Electronic – understanding transmission line signal integrity through simulations

signal integritysimulationtransmission line

I need to simulate how signals are reflected based on the source, load and line impedances and how the signal integrity is effected by the spacing between different traces on a board, traces on the same level as well as different layers, traces of single ended and differential nature.

I want to see how the signal waveform is effect by the factors mentioned above through simulations.

Which software can be used to do this? I am sure that all PCB designers have to do this all the time. I want to do this as an exercise to understand this phenomenon and have a better understanding of it.

Best Answer

I am sure that all PCB designers have to do this all the time.

In fact, if you are designing a digital circuit with clock frequencies below about 50 MHz, you almost never will have to do signal integrity analysis to get a working design. And if you know what you are doing it is possible to design up to 1 or 2 GHz by using "best practices" rather than complex simulations.

I worked in an organization doing 1, 2, and 3 Gb/s designs and never saw a signal integrity tool in use until 2005 or so. (Although full-blown 3-d EM simulation was very occasionally used for very sticky problems)

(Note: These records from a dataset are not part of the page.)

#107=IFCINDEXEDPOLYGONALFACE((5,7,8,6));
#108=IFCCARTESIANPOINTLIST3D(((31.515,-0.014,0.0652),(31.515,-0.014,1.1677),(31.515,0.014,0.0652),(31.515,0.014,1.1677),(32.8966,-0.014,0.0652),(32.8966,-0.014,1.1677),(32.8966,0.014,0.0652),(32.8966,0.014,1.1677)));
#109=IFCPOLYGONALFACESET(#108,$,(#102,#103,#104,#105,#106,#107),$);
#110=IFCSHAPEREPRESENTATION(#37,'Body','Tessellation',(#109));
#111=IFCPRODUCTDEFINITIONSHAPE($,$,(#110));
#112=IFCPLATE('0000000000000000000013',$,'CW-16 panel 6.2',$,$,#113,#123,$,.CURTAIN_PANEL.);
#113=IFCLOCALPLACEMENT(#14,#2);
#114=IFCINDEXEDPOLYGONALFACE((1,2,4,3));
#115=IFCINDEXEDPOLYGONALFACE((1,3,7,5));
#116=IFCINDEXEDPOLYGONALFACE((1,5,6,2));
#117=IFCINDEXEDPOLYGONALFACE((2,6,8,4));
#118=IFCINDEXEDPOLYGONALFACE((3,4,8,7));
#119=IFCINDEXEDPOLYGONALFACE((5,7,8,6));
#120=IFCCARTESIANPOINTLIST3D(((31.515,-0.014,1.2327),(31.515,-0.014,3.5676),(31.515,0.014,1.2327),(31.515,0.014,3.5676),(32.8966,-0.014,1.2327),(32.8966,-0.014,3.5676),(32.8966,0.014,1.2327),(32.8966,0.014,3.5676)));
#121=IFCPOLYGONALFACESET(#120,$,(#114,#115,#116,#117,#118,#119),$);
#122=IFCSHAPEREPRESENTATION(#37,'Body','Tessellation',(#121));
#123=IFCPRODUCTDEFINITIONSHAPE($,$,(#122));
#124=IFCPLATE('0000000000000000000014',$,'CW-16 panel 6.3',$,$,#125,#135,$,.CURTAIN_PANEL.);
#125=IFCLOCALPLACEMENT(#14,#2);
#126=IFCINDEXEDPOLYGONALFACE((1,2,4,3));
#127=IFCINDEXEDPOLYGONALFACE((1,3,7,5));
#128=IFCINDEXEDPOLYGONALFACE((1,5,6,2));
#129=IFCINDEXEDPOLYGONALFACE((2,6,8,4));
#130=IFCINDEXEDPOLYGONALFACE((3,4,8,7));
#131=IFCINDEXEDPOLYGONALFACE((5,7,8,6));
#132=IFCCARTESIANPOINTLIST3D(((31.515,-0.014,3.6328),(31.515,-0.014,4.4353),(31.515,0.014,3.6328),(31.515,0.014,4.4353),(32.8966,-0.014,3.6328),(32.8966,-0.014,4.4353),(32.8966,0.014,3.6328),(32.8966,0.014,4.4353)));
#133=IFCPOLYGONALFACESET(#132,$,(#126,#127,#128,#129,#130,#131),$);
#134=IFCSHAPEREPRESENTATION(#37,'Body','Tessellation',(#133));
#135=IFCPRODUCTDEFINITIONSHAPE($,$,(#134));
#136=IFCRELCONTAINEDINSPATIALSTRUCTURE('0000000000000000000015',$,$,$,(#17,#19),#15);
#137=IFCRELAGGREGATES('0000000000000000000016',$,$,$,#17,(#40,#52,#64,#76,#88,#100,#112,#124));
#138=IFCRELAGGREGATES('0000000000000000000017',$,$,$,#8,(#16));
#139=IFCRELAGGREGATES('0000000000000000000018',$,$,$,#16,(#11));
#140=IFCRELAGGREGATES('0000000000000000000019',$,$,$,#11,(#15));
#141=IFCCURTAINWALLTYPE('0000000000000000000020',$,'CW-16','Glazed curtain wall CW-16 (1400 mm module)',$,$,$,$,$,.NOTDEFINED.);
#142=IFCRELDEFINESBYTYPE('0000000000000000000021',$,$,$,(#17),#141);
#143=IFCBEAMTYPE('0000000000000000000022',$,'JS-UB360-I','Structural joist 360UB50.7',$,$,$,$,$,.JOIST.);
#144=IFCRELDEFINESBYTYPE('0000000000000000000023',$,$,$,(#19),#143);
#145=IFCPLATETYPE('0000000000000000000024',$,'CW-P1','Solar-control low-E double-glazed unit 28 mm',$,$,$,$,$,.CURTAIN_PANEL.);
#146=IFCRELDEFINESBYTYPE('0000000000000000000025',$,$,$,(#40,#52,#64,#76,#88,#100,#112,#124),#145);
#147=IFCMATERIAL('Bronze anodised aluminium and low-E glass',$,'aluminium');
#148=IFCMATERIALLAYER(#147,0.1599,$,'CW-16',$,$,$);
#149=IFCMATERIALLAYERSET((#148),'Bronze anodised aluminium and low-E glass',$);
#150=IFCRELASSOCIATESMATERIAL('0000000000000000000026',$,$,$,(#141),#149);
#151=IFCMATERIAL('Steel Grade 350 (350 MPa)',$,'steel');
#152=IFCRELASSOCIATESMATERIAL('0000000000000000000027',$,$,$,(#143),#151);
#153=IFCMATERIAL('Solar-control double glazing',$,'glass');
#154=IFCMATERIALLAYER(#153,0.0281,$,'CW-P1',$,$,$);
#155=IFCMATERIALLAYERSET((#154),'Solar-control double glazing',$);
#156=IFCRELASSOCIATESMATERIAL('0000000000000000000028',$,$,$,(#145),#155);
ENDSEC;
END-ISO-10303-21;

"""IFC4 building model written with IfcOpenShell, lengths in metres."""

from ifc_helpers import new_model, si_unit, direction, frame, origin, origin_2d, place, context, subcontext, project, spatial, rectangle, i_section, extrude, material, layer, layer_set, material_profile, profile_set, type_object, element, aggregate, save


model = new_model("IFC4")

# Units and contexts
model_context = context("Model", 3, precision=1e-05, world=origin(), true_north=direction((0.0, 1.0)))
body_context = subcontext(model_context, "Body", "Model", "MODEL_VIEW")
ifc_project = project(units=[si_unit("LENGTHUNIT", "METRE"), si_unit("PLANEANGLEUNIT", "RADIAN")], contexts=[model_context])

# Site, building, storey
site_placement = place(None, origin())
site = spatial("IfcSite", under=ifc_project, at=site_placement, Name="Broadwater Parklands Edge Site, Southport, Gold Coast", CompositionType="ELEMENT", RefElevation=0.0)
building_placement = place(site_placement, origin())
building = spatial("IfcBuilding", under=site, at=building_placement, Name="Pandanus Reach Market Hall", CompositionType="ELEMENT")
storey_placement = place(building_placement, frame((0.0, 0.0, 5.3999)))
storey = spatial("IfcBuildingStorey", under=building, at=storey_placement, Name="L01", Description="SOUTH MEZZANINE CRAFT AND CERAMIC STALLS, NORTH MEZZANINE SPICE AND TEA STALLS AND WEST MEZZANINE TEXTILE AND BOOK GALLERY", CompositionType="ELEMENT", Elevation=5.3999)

However as the number of high-speed nets in your design increases, it's not always possible to stick to best practices everywhere, and then a simulation is valuable to indicate how much you can get away with.

Which software can be used to do this?

In contrast to what another answer said, SPICE and its derivatives are not well suited to this type of simulation. SPICE is designed for lumped-element analysis at the transistor level. In the situation you described you need to simulate a distributed element (a transmission line) and you're unlikely to have a transistor-level model of your source or load. Some SPICE-derived tools might have a signal-integrity tool bolted on, but it isn't typically what they're good at.

Signal itegrity tools generally use higher level models to reduce simulation time when simulating dozens or hundreds of distributed elements. And they can take inputs from IBIS models of the source and load ICs. These are standardized high-level macromodels that don't reveal details of the IC internals that the vendor might not want to share with all its customers.

Although I use Altium regularly I haven't used its signal integrity modelling tools. But from the description, they do seem to be IBIS-based rather than SPICE-like, so would probably work in many cases.

Another well-known tool is HyperLynx from Mentor Graphics. Cadence offers a tool set called Sigrity which I believe is similar but I have never seen or used.